A community takes shape

Before the outbreak of war in Europe, Jewish refugees tended to live in the affordable yet middle-class district of Kowloon Tong. They worked as merchants, teachers, doctors, engineers, musicians, butchers and artists, and their children also attended local schools. Evidence suggests that a loosely defined ‘community’ took shape among Jewish refugees in Hong Kong. Newspaper reports indicate that some refugees met and married each other in the colony, while others opened businesses together.  

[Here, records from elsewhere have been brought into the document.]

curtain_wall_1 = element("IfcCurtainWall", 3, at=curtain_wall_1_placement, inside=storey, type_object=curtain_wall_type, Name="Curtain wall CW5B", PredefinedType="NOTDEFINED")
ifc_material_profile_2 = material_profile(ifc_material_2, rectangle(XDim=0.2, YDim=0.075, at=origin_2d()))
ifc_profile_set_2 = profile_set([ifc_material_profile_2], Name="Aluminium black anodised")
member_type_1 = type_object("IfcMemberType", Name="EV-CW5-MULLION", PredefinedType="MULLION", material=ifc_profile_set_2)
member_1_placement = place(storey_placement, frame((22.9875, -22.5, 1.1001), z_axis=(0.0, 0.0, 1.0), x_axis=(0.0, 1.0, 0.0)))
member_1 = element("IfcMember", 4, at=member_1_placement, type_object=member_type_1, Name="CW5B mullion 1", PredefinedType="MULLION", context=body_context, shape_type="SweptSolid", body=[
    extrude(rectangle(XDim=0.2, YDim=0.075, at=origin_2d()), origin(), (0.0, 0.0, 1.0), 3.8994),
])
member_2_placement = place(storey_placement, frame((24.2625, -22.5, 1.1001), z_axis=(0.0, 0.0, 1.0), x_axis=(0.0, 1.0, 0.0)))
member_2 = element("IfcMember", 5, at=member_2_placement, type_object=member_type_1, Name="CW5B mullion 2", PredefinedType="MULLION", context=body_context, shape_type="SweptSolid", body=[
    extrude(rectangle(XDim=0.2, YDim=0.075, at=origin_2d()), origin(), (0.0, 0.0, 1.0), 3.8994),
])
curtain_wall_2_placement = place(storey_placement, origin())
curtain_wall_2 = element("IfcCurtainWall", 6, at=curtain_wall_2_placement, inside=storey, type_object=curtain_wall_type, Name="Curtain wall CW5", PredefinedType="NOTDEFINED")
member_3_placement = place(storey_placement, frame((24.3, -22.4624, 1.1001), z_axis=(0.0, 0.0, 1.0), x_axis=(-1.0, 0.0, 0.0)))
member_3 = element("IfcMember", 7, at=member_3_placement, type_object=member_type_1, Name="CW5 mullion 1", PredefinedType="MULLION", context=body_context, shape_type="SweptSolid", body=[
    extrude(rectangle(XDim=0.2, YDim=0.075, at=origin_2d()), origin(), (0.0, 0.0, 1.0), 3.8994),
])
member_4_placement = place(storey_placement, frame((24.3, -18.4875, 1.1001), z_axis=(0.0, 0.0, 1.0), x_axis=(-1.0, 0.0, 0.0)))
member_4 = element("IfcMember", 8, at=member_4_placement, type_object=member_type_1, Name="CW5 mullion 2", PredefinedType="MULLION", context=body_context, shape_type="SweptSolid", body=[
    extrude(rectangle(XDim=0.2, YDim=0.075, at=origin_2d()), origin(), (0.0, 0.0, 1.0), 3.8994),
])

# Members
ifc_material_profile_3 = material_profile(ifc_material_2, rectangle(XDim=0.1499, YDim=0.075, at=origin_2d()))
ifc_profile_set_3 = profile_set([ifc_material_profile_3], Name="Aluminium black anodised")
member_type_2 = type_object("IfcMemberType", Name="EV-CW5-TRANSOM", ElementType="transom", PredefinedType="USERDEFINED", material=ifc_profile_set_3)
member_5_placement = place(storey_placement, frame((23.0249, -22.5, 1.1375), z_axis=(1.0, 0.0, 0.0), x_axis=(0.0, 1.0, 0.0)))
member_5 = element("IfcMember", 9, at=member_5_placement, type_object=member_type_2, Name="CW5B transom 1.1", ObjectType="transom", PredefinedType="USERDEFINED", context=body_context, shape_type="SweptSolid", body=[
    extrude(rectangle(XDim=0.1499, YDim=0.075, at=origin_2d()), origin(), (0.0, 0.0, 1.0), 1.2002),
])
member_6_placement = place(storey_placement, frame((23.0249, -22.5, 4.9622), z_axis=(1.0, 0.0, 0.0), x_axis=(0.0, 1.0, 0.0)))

So in December 1938, Erich Porges, an Austrian pianist, fled from Vienna to Hong Kong with two of his bandmates. All three musicians were hired by Aaron Landau, the Jewish proprietor of Jimmy’s Kitchen and the Parisian Grill. Erich became a renowned musician in Hong Kong. He performed light opera and popular dance music on Hong Kong’s Z.B.W. radio station, and gave music lessons to aspiring young musicians. In September 1939, Porges was interned as an ‘enemy alien’ at La Salle College and in June the following year he was ordered to leave Hong Kong. Porges subsequently left for Shanghai, one of the only places still open to refugees. He spent the war years in the Hongkew Ghetto, where he met his future wife, Hedy. After the war, the couple emigrated to Australia where Porges worked as a salesman. He continued to perform music until his death in 1992.